An international team of astronomers led by Dr. Andrea Kunder of the Leibniz Institute for Astrophysics Potsdam (AIP) in Germany has discovered that the central 2,000 light-years within the Milky Way galaxy hosts an ancient population of stars. These stars are more than 10 billion years old and their orbits in space preserve the early history of the formation of the Milky Way.
For the first time the team kinematically disentangled this ancient component from the stellar population that currently dominates the mass of the central galaxy. The astronomers used the AAOmega spectrograph on the Anglo Australian Telescope near Siding Spring, Australia, and focused on a well-known and ancient class of stars, called RR Lyrae variables. These stars pulsate in brightness roughly once a day, which make them more challenging to study than their static counterparts, but they have the advantage of being “standard candles.” RR Lyrae stars allow exact distance estimations and are found only in stellar populations more than 10 billion years old, for example, in ancient halo globular clusters. The velocities of hundreds of stars were simultaneously recorded toward the constellation of Sagittarius over an area of the sky larger than the full Moon. The team therefore was able to use the age stamp on the stars to explore the conditions in the central part of our Milky Way when it was formed.

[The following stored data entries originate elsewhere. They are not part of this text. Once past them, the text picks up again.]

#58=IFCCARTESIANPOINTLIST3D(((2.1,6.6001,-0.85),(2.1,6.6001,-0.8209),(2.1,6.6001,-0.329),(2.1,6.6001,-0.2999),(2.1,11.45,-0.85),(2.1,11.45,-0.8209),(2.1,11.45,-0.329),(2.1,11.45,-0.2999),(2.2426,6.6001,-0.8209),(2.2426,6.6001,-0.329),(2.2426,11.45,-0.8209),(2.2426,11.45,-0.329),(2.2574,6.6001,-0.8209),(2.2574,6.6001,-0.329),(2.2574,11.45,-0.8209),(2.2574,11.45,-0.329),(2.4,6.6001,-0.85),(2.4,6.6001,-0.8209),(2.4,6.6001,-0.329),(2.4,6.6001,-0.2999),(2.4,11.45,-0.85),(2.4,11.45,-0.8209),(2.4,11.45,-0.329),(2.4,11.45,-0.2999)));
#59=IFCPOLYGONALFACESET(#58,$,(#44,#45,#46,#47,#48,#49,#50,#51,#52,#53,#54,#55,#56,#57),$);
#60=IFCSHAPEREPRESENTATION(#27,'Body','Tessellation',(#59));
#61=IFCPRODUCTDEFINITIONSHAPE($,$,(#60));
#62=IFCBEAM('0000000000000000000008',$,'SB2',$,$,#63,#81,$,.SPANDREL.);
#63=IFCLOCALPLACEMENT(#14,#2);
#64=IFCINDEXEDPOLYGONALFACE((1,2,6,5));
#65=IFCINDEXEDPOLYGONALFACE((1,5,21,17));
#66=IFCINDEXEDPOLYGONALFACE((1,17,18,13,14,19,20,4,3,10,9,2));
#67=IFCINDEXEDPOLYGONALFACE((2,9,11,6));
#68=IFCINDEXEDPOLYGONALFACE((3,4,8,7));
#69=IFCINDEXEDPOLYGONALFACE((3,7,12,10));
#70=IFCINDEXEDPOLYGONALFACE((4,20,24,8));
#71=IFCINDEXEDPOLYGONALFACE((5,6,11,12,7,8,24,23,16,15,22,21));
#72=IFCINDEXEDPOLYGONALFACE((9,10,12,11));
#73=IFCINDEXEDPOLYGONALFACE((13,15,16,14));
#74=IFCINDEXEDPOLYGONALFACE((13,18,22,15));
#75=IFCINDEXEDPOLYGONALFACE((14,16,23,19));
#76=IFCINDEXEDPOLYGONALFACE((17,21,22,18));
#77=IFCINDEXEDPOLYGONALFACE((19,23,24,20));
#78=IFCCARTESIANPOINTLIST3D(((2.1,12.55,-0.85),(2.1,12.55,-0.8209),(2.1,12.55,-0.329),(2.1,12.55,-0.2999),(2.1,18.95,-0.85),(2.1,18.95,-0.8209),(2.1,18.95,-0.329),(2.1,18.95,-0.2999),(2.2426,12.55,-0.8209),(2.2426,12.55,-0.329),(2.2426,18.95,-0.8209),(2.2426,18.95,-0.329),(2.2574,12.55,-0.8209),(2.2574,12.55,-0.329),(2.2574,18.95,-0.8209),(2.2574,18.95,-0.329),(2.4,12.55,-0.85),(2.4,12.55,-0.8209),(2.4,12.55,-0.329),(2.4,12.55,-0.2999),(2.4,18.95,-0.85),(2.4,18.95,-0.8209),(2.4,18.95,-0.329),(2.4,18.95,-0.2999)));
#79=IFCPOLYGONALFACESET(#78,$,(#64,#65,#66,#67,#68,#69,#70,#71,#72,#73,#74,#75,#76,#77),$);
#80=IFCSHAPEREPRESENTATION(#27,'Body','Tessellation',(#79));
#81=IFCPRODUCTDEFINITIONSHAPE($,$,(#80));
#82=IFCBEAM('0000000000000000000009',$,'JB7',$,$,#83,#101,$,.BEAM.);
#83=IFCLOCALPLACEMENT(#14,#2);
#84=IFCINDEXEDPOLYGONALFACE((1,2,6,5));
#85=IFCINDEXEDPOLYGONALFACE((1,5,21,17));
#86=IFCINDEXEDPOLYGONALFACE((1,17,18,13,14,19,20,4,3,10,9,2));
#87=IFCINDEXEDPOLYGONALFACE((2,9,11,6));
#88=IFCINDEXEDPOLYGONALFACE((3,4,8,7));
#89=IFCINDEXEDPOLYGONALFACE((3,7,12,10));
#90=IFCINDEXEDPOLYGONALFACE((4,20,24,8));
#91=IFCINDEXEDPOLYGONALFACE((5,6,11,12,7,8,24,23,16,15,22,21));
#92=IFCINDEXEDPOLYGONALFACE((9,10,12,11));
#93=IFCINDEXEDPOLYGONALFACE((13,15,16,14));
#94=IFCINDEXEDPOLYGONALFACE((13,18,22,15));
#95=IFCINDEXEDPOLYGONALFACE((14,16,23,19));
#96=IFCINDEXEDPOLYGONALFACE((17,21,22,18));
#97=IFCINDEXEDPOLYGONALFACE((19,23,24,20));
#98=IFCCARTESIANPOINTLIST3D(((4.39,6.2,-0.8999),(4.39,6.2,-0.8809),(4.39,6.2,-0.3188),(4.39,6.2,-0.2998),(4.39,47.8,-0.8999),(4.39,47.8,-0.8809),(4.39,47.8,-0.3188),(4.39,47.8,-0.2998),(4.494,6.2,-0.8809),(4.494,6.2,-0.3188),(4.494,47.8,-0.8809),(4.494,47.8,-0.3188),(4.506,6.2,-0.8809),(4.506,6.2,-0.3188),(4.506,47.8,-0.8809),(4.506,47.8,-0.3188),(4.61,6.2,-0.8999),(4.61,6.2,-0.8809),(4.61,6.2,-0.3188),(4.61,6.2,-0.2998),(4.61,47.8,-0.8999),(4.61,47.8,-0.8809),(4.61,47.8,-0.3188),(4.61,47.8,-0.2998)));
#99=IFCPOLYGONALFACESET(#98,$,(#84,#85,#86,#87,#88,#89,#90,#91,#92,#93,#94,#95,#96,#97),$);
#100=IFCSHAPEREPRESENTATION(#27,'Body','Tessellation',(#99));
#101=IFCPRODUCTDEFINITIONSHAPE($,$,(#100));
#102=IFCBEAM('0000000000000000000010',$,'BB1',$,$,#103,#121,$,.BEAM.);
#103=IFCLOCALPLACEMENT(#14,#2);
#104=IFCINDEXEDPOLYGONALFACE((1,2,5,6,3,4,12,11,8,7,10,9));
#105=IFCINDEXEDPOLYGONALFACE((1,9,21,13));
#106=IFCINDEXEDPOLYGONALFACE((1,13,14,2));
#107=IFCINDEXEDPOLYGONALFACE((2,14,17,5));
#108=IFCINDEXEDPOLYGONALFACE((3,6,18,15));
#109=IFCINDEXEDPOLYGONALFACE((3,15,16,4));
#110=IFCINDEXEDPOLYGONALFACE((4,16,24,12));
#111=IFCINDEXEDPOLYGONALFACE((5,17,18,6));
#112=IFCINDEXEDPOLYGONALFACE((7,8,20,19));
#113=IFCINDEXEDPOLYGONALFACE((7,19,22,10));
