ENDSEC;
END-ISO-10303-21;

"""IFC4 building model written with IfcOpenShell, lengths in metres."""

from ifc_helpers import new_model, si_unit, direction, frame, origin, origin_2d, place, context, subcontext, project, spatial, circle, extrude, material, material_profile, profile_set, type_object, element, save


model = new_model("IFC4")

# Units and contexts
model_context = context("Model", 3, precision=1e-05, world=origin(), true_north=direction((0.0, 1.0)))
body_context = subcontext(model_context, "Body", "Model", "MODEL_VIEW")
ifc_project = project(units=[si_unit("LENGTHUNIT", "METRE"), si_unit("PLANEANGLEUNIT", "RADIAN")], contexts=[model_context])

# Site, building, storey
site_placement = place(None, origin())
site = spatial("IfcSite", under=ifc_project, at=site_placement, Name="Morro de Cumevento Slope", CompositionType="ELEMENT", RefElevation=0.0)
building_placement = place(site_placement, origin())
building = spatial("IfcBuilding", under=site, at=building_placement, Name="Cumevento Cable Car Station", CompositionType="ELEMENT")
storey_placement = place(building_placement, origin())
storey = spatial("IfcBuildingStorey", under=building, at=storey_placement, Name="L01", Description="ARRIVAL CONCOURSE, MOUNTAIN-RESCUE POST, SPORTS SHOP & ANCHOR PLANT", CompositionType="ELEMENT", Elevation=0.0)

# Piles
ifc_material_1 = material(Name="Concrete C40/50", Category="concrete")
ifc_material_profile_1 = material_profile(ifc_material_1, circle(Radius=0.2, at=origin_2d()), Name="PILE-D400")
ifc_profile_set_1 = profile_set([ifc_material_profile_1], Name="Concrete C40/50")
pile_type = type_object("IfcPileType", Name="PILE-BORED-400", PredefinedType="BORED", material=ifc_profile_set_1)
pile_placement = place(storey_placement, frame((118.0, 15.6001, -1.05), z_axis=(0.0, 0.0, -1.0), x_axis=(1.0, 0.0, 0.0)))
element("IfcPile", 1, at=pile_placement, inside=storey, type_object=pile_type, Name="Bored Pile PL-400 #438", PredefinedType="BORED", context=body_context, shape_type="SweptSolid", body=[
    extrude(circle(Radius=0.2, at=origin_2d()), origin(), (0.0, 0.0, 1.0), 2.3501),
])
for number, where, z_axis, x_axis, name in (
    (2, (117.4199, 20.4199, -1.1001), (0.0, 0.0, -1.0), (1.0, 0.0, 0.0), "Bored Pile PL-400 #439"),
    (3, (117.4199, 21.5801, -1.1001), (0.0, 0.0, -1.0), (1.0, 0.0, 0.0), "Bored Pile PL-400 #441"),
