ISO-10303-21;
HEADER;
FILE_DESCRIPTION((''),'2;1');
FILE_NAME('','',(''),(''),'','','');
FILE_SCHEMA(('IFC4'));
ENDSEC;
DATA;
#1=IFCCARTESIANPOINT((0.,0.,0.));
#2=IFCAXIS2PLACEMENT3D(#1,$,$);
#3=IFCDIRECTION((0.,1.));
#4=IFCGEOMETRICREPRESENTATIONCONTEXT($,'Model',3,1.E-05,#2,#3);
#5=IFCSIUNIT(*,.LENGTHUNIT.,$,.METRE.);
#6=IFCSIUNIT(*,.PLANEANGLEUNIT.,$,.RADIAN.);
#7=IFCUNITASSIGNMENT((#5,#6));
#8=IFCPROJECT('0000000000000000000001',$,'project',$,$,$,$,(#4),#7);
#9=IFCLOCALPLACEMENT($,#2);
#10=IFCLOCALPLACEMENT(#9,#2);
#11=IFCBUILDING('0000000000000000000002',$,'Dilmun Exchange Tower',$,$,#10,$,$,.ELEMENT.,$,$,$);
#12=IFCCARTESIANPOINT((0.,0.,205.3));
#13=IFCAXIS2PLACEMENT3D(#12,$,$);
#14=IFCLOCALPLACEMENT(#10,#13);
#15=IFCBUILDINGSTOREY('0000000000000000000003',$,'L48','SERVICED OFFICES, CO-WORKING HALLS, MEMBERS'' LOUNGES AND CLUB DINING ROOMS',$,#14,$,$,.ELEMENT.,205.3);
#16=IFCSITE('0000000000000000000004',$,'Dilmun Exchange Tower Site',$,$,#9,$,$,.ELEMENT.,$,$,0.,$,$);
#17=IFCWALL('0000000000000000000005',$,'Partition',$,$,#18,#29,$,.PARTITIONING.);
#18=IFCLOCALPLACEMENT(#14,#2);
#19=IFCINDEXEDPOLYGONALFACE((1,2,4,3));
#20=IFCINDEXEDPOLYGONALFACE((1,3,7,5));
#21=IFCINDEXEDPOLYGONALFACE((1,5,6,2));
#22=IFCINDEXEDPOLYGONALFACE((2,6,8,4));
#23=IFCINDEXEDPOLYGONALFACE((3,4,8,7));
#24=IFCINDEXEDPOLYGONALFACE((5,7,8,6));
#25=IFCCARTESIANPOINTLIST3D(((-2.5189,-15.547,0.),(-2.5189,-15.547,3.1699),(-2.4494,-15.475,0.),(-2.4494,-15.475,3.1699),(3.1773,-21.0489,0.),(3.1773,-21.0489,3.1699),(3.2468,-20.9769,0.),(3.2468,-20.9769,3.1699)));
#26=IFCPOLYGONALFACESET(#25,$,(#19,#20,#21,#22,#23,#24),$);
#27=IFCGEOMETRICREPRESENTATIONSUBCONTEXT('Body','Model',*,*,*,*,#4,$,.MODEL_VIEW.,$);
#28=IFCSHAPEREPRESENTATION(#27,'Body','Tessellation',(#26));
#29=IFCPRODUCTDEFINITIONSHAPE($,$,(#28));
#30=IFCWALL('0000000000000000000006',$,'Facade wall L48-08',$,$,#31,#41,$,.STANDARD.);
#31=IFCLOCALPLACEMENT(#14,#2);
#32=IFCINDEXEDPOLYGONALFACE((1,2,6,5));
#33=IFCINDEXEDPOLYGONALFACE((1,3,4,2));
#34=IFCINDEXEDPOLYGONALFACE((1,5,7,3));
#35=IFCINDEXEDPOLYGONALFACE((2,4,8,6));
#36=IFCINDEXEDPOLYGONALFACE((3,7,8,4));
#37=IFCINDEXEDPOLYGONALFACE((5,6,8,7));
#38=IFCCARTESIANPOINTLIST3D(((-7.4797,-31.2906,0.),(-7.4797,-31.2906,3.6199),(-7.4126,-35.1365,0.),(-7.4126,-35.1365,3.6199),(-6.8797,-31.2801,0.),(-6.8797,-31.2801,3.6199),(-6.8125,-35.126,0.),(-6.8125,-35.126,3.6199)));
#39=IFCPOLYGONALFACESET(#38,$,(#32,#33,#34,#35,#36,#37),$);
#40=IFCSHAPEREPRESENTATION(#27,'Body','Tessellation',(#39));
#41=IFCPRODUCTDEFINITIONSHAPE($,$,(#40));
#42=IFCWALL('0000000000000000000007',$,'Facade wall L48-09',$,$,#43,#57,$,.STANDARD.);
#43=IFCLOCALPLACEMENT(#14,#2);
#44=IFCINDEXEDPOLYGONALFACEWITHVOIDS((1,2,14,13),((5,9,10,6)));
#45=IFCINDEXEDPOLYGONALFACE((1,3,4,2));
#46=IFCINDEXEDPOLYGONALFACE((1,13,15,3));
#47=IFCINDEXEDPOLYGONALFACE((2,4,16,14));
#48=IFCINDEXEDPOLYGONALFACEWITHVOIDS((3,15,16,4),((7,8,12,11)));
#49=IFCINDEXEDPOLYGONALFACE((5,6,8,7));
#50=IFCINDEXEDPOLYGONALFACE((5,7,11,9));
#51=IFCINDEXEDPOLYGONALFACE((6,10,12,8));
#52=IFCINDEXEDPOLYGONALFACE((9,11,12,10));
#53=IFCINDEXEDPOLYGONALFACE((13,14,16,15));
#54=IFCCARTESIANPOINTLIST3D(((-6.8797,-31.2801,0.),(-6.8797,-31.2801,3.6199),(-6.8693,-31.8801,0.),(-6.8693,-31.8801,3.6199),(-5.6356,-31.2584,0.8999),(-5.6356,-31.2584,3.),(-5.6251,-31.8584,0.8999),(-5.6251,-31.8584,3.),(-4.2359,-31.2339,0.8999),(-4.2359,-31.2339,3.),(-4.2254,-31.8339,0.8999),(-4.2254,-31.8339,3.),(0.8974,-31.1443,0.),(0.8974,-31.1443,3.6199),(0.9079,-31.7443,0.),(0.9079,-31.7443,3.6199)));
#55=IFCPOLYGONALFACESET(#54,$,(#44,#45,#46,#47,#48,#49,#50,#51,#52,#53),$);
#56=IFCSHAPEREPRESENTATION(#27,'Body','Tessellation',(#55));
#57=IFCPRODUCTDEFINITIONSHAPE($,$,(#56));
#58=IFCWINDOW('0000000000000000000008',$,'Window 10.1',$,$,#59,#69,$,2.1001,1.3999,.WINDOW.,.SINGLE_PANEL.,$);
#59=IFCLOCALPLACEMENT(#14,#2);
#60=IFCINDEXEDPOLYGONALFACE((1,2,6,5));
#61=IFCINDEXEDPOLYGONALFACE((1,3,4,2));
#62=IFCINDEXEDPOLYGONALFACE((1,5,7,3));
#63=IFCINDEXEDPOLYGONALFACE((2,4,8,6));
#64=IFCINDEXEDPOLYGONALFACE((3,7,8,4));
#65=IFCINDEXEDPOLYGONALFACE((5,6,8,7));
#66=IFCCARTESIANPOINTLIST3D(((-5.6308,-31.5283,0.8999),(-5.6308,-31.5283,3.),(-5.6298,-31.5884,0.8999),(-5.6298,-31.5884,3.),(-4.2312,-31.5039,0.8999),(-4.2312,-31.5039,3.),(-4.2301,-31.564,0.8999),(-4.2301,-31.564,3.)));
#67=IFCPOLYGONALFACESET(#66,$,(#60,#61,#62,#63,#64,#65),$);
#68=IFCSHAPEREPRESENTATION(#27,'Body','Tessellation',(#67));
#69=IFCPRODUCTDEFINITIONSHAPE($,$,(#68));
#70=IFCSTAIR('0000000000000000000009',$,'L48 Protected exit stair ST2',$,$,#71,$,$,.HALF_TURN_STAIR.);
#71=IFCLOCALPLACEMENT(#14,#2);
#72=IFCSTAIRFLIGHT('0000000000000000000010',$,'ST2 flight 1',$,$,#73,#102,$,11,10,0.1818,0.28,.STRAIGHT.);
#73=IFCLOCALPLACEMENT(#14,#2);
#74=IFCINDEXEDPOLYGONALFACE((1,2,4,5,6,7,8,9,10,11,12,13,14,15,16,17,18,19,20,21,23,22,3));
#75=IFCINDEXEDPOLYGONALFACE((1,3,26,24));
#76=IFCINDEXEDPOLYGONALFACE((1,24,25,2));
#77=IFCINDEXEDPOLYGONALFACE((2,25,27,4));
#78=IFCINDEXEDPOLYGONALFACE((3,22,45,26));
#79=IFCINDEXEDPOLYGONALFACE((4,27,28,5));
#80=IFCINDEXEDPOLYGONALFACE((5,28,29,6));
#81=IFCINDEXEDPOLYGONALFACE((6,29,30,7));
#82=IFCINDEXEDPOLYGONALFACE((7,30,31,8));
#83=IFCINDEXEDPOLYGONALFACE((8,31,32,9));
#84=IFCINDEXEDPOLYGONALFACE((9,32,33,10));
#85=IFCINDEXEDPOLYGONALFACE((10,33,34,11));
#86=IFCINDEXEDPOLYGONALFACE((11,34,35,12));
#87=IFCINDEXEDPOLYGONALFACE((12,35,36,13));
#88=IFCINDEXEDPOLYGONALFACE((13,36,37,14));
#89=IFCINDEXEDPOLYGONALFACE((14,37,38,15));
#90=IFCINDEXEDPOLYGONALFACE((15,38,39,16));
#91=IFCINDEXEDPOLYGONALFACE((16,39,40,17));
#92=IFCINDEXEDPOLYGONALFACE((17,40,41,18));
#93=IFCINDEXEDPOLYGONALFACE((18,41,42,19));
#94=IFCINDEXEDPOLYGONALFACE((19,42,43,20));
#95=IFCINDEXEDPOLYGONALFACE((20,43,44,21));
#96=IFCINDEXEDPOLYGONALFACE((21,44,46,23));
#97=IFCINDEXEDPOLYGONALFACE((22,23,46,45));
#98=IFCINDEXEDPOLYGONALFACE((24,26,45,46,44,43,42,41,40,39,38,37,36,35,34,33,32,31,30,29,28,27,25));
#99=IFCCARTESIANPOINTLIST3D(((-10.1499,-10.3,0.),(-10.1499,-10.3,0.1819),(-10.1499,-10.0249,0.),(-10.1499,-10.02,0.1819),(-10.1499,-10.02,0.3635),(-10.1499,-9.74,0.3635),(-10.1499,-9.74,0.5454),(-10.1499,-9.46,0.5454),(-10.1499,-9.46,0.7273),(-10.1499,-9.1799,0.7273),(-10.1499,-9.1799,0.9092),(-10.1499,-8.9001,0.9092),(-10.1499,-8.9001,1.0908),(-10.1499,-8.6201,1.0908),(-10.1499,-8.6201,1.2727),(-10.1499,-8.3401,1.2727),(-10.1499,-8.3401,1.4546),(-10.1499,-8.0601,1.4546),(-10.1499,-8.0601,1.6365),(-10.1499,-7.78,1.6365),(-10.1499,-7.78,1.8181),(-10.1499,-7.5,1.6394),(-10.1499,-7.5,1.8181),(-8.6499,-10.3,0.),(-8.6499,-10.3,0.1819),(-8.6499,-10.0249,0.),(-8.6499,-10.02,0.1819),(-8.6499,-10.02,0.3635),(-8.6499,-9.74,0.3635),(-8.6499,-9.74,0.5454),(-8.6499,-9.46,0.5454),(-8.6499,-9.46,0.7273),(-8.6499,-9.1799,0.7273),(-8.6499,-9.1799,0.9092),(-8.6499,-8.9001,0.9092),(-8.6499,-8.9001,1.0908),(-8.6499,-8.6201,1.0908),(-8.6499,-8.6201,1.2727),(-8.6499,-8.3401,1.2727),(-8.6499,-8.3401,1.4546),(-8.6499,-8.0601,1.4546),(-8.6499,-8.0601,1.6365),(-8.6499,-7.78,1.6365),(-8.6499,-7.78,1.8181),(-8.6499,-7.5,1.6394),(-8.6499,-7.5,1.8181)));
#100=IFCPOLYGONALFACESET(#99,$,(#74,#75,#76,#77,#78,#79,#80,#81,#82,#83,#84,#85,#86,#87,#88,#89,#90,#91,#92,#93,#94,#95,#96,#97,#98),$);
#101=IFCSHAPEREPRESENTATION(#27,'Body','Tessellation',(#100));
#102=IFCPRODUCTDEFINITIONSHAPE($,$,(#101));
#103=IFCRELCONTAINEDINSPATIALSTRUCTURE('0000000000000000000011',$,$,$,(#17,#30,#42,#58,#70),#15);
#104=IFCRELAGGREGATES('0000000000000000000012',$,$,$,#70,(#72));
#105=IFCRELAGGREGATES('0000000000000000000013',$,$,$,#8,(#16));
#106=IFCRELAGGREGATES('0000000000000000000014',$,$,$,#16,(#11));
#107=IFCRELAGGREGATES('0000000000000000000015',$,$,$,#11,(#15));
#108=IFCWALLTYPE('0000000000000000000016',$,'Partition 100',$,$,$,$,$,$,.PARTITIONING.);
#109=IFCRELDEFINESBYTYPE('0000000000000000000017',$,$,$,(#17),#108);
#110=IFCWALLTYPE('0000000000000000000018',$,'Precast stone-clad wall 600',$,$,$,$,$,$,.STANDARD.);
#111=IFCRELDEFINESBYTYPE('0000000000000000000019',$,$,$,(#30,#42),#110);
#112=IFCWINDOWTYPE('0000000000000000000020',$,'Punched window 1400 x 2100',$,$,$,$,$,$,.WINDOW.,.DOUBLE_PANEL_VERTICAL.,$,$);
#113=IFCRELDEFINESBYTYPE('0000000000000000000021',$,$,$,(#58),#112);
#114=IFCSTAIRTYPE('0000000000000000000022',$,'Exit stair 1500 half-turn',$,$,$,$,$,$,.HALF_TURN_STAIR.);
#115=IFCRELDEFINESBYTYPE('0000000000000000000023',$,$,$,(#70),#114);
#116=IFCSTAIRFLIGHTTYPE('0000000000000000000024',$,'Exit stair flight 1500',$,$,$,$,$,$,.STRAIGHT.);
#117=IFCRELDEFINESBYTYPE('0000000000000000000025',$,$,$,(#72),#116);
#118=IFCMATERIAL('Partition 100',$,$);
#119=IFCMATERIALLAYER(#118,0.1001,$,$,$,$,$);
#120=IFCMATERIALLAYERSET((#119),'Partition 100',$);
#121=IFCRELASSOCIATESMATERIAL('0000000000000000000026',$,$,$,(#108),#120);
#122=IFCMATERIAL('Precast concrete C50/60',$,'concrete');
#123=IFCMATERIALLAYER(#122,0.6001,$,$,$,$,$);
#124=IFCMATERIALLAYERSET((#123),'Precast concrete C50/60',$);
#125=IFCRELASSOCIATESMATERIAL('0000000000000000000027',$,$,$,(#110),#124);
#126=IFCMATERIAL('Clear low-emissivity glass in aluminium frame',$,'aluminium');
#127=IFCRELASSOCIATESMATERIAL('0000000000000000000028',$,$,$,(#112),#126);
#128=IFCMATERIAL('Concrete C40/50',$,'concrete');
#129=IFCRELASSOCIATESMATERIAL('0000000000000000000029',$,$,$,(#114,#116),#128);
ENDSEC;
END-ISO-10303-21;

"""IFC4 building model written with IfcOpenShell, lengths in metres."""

from ifc_helpers import new_model, si_unit, direction, frame, frame_2d, origin, place, context, subcontext, project, spatial, polyline, rectangle, outline, extrude, material, layer, layer_set, type_object, element, fill, aggregate, save


model = new_model("IFC4")

# Units and contexts
model_context = context("Model", 3, precision=1e-05, world=origin(), true_north=direction((0.0, 1.0)))
body_context = subcontext(model_context, "Body", "Model", "MODEL_VIEW")
ifc_project = project(units=[si_unit("LENGTHUNIT", "METRE"), si_unit("PLANEANGLEUNIT", "RADIAN")], contexts=[model_context])

# Site, building, storey
site_placement = place(None, origin())
site = spatial("IfcSite", under=ifc_project, at=site_placement, Name="Dilmun Exchange Tower Site", CompositionType="ELEMENT", RefElevation=0.0)
building_placement = place(site_placement, origin())
building = spatial("IfcBuilding", under=site, at=building_placement, Name="Dilmun Exchange Tower", CompositionType="ELEMENT")
storey_placement = place(building_placement, frame((0.0, 0.0, 205.3)))
storey = spatial("IfcBuildingStorey", under=building, at=storey_placement, Name="L48", Description="SERVICED OFFICES, CO-WORKING HALLS, MEMBERS' LOUNGES AND CLUB DINING ROOMS", CompositionType="ELEMENT", Elevation=205.3)

# Shared definitions
ifc_material_1 = material(Name="Concrete C40/50", Category="concrete")

# Walls
ifc_material_2 = material(Name="Partition 100")
ifc_layer_1 = layer(ifc_material_2, 0.1001)
ifc_layer_set_1 = layer_set([ifc_layer_1], Name="Partition 100")
wall_type_1 = type_object("IfcWallType", Name="Partition 100", PredefinedType="PARTITIONING", material=ifc_layer_set_1)
wall_1_placement = place(storey_placement, frame((-2.4841, -15.511, 0.0), z_axis=(0.0, 0.0, 1.0), x_axis=(0.71927, -0.694731, 0.0)))
element("IfcWall", 1, at=wall_1_placement, inside=storey, type_object=wall_type_1, Name="Partition", PredefinedType="PARTITIONING", context=body_context, shape_type="SweptSolid", body=[
    extrude(rectangle(XDim=7.9194, YDim=0.1001, at=frame_2d((3.9597, 0.0))), origin(), (0.0, 0.0, 1.0), 3.1699),
])
ifc_material_3 = material(Name="Precast concrete C50/60", Category="concrete")
ifc_layer_2 = layer(ifc_material_3, 0.6001)
ifc_layer_set_2 = layer_set([ifc_layer_2], Name="Precast concrete C50/60")
wall_type_2 = type_object("IfcWallType", Name="Precast stone-clad wall 600", PredefinedType="STANDARD", material=ifc_layer_set_2)
wall_2_placement = place(storey_placement, frame((-7.1125, -35.1313, 0.0), z_axis=(0.0, 0.0, 1.0), x_axis=(-0.017454, 0.999848, 0.0)))
element("IfcWall", 2, at=wall_2_placement, inside=storey, type_object=wall_type_2, Name="Facade wall L48-08", PredefinedType="STANDARD", context=body_context, shape_type="SweptSolid", body=[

Just as London and Paris are built on more ancient Roman or even older remains, our Milky Way galaxy also has multiple generations of stars that span the time from its formation to the present. Since heavy elements, referred to by astronomers as “metals,” are brewed in stars, subsequent stellar generations become more and more metal-rich. Therefore, the most ancient components of our Milky Way are expected to be metal-poor stars. Most of our galaxy’s central regions are dominated by metal-rich stars, meaning that they have approximately the same metal content as our Sun, and are arrayed in a football-shaped structure called the “bar.” These stars in the bar were found to orbit in roughly the same direction around the galactic center. Hydrogen gas in the Milky Way also follows this rotation. Hence it was widely believed that all stars in the center would rotate in this way. But to the astronomers’ astonishment, the RR Lyrae stars do not follow football-shaped orbits, but have large random motions more consistent with their having formed at a great distance from the center of the Milky Way. “We expected to find that these stars rotate just like the rest of the bar,” states lead investigator Kunder. Coauthor Juntai Shen of the Shanghai Astronomical Observatory adds, “They account for only one percent of the total mass of the bar, but this even more ancient population of stars appears to have a completely different origin than other stars there, consistent with having been one of the first parts of the Milky Way to form.”
The RR Lyrae stars are moving targets — their pulsations result in changes in their apparent velocity over the course of a day. The team accounted for this, and was able to show that the velocity dispersion or random motion of the RR Lyrae star population was very high relative to the other stars in the Milky Way’s center. The next steps will be to measure the exact metal content of the RR Lyrae population, which gives additional clues to the history of the stars, and enhance by three or four times the number of stars studied, that presently stands at almost 1,000.
Reference:
“Before the Bar: Kinematic Detection of a Spheroidal Metal-Poor Bulge Component,” Andrea Kunder et al., 2016 Apr. 20, Astrophysical Journal Letters, Vol. 821, No. 2 [ http://iopscience.iop.org/article/10.3847/2041-8205/821/2/L25, preprint: http://arxiv.org/abs/1603.06578 ].
The key topics of the Leibniz Institute for Astrophysics Potsdam (AIP) are cosmic magnetic fields and extragalactic astrophysics. A considerable part of the institute’s efforts aim at the development of research technology in the fields of spectroscopy, robotic telescopes, and e-science. The AIP is the successor of the Berlin Observatory founded in 1700 and of the Astrophysical Observatory of Potsdam founded in 1874. The latter was the world’s first observatory to emphasize explicitly the research area of astrophysics. Since 1992 the AIP is a member of the Leibniz Association.